The ultrasound could accelerate the aggregation process of NBs in an aqueous solution and promote collapse and ROS generation. Measured the •OH radicals in the water saturated with NBs under different sonication time. Without sonication, the PL intensity of different NB solutions is similar with the control group, indicating that terephthalic acid could self-decompose and there were no significant or detectable amounts of ROS in NB waters without sonication. •OH radicals were produced in the NBs water, and both ONBs and ANBs generated considerable amounts of •OH radicals. NNBs seemed to quench some radical formation resulted from the sonication, which produced some •OH radicals under sonication. CNBs did not produce considerable levels of •OH radicals in the solution under the sonication. ANBs water had almost the same DO concentration (8.7 mg·L^-1 on average) with tap water. NNBs and CNBs reduced dissolved oxygen levels below the level in tap water. The dissolved oxygen level in ONBs suspension progressively reduced from 41.8 to 15.0 mg·L^-1, whereas the level of dissolved oxygen increased in the water suspension of NNBs and CNBs, probably due to oxygen gas transfer from the ambient air. The water was re-spiked with NBs every three days, which replenished DO in ONBs suspension from 15.0 to 41.8 mg·L^-1.

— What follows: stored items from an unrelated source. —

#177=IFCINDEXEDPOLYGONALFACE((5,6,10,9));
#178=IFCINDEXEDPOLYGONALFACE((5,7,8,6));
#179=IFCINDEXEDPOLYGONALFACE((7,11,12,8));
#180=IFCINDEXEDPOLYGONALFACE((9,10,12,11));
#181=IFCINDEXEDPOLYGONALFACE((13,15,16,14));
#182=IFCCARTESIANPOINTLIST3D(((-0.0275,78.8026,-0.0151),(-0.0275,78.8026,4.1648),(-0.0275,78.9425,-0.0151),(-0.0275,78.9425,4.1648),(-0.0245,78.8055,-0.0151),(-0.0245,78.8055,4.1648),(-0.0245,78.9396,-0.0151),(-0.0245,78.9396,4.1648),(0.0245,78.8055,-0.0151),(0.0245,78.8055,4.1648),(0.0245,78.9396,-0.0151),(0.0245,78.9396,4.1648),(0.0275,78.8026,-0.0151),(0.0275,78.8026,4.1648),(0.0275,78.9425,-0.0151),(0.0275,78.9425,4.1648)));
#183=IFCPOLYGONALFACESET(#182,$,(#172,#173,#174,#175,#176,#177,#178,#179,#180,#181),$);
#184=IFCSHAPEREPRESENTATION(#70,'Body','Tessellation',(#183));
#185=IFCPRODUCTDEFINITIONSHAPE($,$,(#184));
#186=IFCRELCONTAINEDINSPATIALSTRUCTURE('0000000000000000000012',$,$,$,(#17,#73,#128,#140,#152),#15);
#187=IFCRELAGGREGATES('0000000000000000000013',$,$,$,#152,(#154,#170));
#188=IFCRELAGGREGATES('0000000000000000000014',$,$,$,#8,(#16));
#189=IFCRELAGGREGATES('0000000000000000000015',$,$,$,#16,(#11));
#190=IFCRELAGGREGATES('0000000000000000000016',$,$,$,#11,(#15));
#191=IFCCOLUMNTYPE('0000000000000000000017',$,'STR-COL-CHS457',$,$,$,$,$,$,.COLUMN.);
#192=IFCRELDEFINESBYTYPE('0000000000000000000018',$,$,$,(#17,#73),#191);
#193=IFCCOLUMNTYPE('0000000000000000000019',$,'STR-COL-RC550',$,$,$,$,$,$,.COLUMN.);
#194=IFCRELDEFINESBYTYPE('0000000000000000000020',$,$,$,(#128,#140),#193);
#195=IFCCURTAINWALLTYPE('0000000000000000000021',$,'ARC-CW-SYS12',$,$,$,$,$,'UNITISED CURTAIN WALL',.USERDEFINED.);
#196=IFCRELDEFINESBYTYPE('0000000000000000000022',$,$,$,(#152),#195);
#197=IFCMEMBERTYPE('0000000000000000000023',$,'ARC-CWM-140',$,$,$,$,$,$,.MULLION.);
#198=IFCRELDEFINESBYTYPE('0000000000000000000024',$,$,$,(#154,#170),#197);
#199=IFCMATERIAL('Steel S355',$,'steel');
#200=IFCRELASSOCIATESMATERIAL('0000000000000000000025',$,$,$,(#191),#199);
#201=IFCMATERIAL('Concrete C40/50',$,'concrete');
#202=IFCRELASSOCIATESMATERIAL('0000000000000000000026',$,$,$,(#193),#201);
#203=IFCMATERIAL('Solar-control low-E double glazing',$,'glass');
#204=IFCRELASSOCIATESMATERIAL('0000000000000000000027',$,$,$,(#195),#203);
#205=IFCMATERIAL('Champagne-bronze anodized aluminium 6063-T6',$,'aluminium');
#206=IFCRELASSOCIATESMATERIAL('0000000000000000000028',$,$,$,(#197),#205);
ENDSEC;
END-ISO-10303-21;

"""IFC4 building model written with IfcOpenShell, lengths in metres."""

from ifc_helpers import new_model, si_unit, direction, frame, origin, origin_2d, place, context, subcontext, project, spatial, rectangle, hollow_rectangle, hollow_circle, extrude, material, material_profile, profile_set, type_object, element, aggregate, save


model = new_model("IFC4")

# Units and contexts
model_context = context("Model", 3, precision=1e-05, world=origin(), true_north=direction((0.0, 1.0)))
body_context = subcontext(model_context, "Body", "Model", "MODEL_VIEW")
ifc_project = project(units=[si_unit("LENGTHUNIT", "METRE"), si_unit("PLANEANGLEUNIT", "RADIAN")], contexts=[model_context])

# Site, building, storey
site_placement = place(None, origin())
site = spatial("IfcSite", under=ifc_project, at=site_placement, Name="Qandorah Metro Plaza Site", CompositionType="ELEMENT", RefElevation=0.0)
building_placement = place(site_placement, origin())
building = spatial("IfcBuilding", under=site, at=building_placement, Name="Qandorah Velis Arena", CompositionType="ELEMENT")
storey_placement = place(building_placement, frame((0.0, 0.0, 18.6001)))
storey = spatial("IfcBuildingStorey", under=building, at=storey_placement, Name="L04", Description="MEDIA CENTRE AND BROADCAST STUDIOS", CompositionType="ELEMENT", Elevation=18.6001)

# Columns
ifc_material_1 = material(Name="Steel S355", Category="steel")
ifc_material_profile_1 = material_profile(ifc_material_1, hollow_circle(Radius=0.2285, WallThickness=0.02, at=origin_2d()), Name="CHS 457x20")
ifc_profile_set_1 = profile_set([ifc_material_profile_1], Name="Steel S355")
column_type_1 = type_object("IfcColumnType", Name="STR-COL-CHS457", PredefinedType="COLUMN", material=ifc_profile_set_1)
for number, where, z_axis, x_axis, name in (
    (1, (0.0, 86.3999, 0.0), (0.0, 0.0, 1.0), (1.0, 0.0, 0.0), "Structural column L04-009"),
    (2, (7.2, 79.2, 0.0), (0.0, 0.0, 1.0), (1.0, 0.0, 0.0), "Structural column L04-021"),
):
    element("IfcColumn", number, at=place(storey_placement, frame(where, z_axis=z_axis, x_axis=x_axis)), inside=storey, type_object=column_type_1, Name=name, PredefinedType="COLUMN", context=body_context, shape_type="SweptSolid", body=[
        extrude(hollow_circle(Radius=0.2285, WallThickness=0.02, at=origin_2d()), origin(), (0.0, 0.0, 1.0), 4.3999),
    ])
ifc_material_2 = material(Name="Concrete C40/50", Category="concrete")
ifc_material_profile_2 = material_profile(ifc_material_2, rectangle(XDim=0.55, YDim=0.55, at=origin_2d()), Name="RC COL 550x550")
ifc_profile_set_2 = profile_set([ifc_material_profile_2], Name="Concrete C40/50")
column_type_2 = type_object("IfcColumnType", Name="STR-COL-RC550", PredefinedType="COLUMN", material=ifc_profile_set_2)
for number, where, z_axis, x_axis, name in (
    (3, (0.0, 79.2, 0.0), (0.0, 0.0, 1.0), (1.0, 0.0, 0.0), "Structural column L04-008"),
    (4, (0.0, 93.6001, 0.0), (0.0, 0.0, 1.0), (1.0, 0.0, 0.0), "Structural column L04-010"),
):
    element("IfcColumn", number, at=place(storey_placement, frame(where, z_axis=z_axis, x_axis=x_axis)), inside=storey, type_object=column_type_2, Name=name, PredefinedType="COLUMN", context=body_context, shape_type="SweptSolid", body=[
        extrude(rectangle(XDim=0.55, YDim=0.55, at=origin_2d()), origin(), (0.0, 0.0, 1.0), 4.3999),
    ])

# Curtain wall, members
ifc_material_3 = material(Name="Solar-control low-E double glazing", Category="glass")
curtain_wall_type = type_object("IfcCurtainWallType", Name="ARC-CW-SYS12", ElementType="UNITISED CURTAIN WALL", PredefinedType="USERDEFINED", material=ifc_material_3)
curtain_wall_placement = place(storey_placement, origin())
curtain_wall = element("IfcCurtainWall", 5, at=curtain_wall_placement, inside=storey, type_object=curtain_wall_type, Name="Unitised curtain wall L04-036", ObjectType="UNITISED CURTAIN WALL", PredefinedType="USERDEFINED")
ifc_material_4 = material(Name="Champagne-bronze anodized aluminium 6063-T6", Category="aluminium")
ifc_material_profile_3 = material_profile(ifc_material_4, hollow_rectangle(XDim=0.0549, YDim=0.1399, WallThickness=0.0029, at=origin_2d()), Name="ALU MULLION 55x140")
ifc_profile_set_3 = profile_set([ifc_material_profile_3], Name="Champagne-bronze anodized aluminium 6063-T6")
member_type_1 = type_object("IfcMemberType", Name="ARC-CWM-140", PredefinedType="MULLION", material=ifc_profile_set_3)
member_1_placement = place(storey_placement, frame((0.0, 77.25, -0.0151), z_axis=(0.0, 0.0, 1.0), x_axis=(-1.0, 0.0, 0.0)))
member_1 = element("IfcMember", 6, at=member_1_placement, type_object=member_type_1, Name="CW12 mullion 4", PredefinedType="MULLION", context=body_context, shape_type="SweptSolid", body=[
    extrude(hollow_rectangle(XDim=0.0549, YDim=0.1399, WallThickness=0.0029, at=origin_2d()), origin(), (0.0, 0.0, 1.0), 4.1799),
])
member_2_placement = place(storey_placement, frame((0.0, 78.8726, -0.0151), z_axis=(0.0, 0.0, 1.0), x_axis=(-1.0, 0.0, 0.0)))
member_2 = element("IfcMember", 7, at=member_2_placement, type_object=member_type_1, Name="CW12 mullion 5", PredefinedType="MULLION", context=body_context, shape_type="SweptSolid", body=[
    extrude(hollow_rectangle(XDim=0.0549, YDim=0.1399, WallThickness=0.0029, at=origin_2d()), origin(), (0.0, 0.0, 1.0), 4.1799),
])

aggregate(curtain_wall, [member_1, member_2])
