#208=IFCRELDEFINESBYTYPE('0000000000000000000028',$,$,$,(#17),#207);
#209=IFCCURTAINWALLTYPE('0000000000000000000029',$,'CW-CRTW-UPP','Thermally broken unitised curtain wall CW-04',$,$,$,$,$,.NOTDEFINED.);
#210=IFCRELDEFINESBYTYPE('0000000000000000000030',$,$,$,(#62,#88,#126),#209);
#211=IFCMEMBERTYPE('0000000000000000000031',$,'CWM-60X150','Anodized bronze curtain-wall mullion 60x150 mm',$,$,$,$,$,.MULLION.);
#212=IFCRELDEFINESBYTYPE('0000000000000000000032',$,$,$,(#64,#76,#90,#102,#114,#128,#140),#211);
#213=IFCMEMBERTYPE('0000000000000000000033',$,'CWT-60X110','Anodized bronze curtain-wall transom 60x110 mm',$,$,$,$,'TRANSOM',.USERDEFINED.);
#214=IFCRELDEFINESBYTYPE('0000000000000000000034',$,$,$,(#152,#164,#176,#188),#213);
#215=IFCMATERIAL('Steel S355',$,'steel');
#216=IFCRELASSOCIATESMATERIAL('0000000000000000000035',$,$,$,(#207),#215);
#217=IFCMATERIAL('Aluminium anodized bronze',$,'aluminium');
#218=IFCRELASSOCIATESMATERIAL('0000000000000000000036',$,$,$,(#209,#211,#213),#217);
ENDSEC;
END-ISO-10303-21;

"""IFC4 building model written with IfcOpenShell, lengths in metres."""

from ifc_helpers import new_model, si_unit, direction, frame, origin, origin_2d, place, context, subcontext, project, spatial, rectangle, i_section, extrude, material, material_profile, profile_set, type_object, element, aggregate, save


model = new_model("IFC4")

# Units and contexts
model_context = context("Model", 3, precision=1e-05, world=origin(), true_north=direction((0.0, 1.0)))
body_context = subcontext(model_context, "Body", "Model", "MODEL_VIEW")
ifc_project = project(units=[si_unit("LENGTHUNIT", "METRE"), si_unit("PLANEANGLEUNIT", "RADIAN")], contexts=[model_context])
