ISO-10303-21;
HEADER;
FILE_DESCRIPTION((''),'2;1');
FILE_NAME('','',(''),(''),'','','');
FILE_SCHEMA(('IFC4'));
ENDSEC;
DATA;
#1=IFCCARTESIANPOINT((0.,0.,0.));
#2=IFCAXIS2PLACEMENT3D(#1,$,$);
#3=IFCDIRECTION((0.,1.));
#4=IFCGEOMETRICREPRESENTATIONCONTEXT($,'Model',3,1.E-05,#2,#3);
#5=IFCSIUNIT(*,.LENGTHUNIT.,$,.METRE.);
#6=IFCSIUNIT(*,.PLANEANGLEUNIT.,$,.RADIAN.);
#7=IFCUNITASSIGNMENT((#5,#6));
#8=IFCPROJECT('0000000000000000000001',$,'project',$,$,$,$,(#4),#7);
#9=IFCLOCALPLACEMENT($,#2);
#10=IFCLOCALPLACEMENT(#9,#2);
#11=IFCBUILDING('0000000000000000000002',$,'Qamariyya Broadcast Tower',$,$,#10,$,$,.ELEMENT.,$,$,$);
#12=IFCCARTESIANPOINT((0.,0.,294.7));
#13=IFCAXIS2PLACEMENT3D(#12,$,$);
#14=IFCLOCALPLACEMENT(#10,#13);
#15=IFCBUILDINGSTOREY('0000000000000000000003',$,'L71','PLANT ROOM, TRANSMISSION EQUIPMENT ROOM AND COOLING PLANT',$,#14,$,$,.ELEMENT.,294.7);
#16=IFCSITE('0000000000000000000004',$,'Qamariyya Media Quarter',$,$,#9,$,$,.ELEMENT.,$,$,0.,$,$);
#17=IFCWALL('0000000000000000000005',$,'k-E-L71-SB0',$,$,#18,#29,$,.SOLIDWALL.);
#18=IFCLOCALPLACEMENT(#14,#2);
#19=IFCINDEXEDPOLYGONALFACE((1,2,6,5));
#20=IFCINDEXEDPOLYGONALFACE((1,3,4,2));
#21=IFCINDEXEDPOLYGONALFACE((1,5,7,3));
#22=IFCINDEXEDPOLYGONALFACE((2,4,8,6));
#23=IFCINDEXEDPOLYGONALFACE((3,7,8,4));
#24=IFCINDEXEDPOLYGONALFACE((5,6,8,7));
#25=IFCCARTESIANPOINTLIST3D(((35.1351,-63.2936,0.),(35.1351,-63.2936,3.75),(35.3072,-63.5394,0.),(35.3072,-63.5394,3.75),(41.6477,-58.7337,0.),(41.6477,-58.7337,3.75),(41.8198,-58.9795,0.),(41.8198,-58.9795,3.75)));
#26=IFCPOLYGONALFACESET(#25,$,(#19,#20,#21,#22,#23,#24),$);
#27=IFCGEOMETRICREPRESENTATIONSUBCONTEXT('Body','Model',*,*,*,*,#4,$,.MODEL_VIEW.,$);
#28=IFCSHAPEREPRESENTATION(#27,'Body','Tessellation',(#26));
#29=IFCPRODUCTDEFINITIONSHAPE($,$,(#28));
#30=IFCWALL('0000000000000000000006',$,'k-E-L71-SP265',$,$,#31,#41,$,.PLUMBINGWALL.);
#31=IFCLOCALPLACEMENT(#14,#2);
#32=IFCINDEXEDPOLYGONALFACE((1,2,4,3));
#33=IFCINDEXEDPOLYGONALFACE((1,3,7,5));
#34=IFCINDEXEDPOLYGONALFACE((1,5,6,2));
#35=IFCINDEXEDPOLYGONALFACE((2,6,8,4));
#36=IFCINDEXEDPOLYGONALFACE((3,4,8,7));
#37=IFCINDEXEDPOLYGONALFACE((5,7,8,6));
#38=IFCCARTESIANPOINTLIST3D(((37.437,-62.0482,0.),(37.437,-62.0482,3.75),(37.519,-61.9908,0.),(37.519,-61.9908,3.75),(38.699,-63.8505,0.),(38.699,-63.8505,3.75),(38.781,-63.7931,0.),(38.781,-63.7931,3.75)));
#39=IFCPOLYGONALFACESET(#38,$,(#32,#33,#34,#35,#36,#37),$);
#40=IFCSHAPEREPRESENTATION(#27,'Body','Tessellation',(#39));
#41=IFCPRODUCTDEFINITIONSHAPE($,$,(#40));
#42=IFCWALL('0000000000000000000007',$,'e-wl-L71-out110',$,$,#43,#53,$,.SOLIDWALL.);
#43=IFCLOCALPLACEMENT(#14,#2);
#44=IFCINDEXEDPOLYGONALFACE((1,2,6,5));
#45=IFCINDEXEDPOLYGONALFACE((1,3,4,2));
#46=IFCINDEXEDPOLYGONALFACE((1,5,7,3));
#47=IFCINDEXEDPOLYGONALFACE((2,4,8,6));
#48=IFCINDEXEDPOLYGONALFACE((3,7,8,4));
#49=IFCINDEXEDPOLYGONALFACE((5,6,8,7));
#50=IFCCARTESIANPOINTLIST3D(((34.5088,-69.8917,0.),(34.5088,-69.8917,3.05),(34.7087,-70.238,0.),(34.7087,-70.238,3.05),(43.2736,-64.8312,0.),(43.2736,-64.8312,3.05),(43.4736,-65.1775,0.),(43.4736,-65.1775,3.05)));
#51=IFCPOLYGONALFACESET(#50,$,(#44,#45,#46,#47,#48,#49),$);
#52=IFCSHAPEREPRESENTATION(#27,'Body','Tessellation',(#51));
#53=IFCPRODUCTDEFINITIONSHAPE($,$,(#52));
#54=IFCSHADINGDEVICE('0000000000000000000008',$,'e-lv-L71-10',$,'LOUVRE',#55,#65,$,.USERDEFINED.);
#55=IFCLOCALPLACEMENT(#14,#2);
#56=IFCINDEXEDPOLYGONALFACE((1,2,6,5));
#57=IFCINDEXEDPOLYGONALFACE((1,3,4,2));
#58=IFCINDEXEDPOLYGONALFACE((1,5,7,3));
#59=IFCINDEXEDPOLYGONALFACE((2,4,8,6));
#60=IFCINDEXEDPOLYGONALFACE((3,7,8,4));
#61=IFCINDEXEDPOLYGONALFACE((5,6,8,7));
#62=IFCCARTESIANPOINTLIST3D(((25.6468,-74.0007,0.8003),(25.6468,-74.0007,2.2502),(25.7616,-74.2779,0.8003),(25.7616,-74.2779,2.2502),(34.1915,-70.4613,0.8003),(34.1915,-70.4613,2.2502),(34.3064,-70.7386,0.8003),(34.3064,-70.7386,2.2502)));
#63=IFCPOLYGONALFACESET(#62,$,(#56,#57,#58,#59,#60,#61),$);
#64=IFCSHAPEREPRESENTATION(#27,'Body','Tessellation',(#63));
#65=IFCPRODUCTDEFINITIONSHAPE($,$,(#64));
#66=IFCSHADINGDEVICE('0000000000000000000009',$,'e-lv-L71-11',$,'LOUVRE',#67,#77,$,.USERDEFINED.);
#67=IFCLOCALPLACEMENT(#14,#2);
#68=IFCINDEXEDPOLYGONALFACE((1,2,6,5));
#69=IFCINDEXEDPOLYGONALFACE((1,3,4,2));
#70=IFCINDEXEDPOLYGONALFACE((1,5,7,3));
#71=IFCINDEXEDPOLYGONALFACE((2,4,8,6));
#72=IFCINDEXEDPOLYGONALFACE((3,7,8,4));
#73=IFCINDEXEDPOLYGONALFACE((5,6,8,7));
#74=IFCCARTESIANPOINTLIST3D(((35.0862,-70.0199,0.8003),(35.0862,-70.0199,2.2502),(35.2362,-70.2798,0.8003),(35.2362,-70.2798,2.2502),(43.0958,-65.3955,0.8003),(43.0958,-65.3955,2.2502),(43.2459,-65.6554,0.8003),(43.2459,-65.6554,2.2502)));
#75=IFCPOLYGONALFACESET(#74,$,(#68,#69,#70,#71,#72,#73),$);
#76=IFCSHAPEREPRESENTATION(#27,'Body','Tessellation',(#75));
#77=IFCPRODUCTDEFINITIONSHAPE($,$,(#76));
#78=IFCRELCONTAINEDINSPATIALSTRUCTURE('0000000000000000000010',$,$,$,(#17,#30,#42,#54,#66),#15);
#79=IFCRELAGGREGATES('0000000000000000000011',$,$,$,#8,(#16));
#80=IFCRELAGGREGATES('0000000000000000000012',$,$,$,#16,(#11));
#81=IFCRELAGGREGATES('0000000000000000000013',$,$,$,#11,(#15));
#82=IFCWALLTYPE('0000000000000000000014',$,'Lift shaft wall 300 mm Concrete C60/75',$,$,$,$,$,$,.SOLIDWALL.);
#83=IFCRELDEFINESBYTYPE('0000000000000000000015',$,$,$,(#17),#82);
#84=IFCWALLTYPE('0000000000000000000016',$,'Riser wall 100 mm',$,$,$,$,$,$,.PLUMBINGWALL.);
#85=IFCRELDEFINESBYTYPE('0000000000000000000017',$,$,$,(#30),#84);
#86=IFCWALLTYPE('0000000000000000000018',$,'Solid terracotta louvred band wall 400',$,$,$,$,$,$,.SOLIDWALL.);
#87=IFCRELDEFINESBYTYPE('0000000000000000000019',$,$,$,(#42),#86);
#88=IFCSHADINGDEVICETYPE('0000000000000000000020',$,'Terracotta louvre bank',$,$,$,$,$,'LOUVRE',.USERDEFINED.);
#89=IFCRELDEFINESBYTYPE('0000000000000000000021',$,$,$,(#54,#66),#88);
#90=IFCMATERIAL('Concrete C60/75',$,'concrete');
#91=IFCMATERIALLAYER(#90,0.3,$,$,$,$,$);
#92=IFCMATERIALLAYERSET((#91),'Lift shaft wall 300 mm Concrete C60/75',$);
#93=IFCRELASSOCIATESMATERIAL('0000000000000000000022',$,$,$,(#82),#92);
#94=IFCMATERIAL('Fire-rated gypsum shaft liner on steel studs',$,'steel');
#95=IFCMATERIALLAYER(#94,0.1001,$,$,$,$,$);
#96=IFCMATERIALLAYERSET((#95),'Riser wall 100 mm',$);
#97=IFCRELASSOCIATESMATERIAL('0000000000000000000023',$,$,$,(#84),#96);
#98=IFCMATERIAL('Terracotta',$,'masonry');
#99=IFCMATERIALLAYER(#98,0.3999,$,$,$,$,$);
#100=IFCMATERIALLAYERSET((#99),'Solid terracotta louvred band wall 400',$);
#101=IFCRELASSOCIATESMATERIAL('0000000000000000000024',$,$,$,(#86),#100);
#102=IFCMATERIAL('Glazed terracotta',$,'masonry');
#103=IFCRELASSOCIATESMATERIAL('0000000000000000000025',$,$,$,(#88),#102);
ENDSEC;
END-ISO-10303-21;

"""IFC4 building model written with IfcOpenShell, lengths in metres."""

from ifc_helpers import new_model, si_unit, direction, frame, frame_2d, origin, origin_2d, place, context, subcontext, project, spatial, rectangle, extrude, material, layer, layer_set, type_object, element, save


model = new_model("IFC4")

# Units and contexts
model_context = context("Model", 3, precision=1e-05, world=origin(), true_north=direction((0.0, 1.0)))
body_context = subcontext(model_context, "Body", "Model", "MODEL_VIEW")
ifc_project = project(units=[si_unit("LENGTHUNIT", "METRE"), si_unit("PLANEANGLEUNIT", "RADIAN")], contexts=[model_context])

# Site, building, storey
site_placement = place(None, origin())
site = spatial("IfcSite", under=ifc_project, at=site_placement, Name="Qamariyya Media Quarter", CompositionType="ELEMENT", RefElevation=0.0)
building_placement = place(site_placement, origin())
building = spatial("IfcBuilding", under=site, at=building_placement, Name="Qamariyya Broadcast Tower", CompositionType="ELEMENT")
storey_placement = place(building_placement, frame((0.0, 0.0, 294.7)))
storey = spatial("IfcBuildingStorey", under=building, at=storey_placement, Name="L71", Description="PLANT ROOM, TRANSMISSION EQUIPMENT ROOM AND COOLING PLANT", CompositionType="ELEMENT", Elevation=294.7)

# Shared definitions
ifc_material_1 = material(Name="Concrete C60/75", Category="concrete")

# Shared definitions
ifc_layer_1 = layer(ifc_material_1, 0.3)
ifc_layer_set_1 = layer_set([ifc_layer_1], Name="Lift shaft wall 300 mm Concrete C60/75")
wall_type_1 = type_object("IfcWallType", Name="Lift shaft wall 300 mm Concrete C60/75", PredefinedType="SOLIDWALL", material=ifc_layer_set_1)

# Walls
wall_1_placement = place(storey_placement, frame((35.2212, -63.4165, 0.0), z_axis=(0.0, 0.0, 1.0), x_axis=(0.819167, 0.573555, 0.0)))
element("IfcWall", 1, at=wall_1_placement, inside=storey, type_object=wall_type_1, Name="k-E-L71-SB0", PredefinedType="SOLIDWALL", context=body_context, shape_type="SweptSolid", body=[
    extrude(rectangle(XDim=7.9502, YDim=0.3, at=frame_2d((3.9751, 0.0))), origin(), (0.0, 0.0, 1.0), 3.75),
])
ifc_material_2 = material(Name="Fire-rated gypsum shaft liner on steel studs", Category="steel")
ifc_layer_2 = layer(ifc_material_2, 0.1001)
ifc_layer_set_2 = layer_set([ifc_layer_2], Name="Riser wall 100 mm")
wall_type_2 = type_object("IfcWallType", Name="Riser wall 100 mm", PredefinedType="PLUMBINGWALL", material=ifc_layer_set_2)
wall_2_placement = place(storey_placement, frame((37.478, -62.0195, 0.0), z_axis=(0.0, 0.0, 1.0), x_axis=(0.573581, -0.819149, 0.0)))
element("IfcWall", 2, at=wall_2_placement, inside=storey, type_object=wall_type_2, Name="k-E-L71-SP265", PredefinedType="PLUMBINGWALL", context=body_context, shape_type="SweptSolid", body=[
    extrude(rectangle(XDim=2.2002, YDim=0.1001, at=frame_2d((1.1001, 0.0))), origin(), (0.0, 0.0, 1.0), 3.75),
])
ifc_material_3 = material(Name="Terracotta", Category="masonry")
ifc_layer_3 = layer(ifc_material_3, 0.3999)
ifc_layer_set_3 = layer_set([ifc_layer_3], Name="Solid terracotta louvred band wall 400")
wall_type_3 = type_object("IfcWallType", Name="Solid terracotta louvred band wall 400", PredefinedType="SOLIDWALL", material=ifc_layer_set_3)
wall_3_placement = place(storey_placement, frame((34.6086, -70.0649, 0.0), z_axis=(0.0, 0.0, 1.0), x_axis=(0.86602, 0.50001, 0.0)))
element("IfcWall", 3, at=wall_3_placement, inside=storey, type_object=wall_type_3, Name="e-wl-L71-out110", PredefinedType="SOLIDWALL", context=body_context, shape_type="SweptSolid", body=[
    extrude(rectangle(XDim=10.1208, YDim=0.3999, at=frame_2d((5.0605, 0.0))), origin(), (0.0, 0.0, 1.0), 3.05),
])

# Shading devices
ifc_material_4 = material(Name="Glazed terracotta", Category="masonry")
shading_device_type = type_object("IfcShadingDeviceType", Name="Terracotta louvre bank", ElementType="LOUVRE", PredefinedType="USERDEFINED", material=ifc_material_4)
for number, where, z_axis, x_axis, name in (
    (4, (29.9766, -72.3696, 0.8003), (0.0, 0.0, 1.0), (0.92388, 0.382683, 0.0), "e-lv-L71-10"),
    (5, (39.166, -67.8376, 0.8003), (0.0, 0.0, 1.0), (0.866025, 0.5, 0.0), "e-lv-L71-11"),
):
    element("IfcShadingDevice", number, at=place(storey_placement, frame(where, z_axis=z_axis, x_axis=x_axis)), inside=storey, type_object=shading_device_type, Name=name, ObjectType="LOUVRE", PredefinedType="USERDEFINED", context=body_context, shape_type="SweptSolid", body=[
        extrude(rectangle(XDim=9.2488, YDim=0.3, at=origin_2d()), origin(), (0.0, 0.0, 1.0), 1.45),
    ])

save(model, "model.ifc")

Overall, NNBs showed a considerable promotion in both seeds germination and plant growth for all species similar with ONBs. Especially, NNB enhanced germination rate of lettuce seeds by 25% higher than tap water alone. ANBs and CNBs did not show an obvious enhancement on seeds germination, but CNBs did show a mild enhancement on plant growth, especially with bean and tomato. ONBs generated the highest concentration of ROS, followed by ANBs, CNBs and NNBs, which provide a partial explanation for the promotion on seeds germination. Additionally, NBs may more effectively deliver nutrients (e.g., nitrogen or oxygen) to plants or to nitrogen-fixer in roots environment due to the high surface area and mass diffusion rates. Also, it is interesting that ANBs have a lower promotion effect than both ONBs and NNBs. Clearly, speculate that nitrogen or oxygen exerts different mechanisms of plant growth enhancement. For instance, enhanced nitrogen delivery might be the governing factor for NNBs, while ONBs may play a different role such as enhancing the activity of aerobic root microorganisms and indirectly promote plant growth. By contrast, ANBs have substantially different properties from NNBs or ONBs, which could explain the resulted different phytoplankton effects. For example, ANBs has different ionization energy than NNBs, as well as different surface charges and zeta potentials in aqueous solutions. The effects of NBs vary slightly with the types of seeds or plants, which deserves future studies. Moreover, the potential applications of NBs may not be limited to plant growth promotion and agriculture, but also applicable to other chemical or industrial processes such as phytoremediation as an efficient, green and cost effective approach to boost up plant growth for pollution removal or remediation.

Reference:

Ahmed, A.K.A., Shi, X., Hua, L., Manzueta, L., Qing, W., Marhaba, T. and Zhang, W., 2018. Influences of air, oxygen, nitrogen, and carbon dioxide nanobubbles on seed germination and plant growth. Journal of Agricultural and Food Chemistry, 66(20): 5117-5124.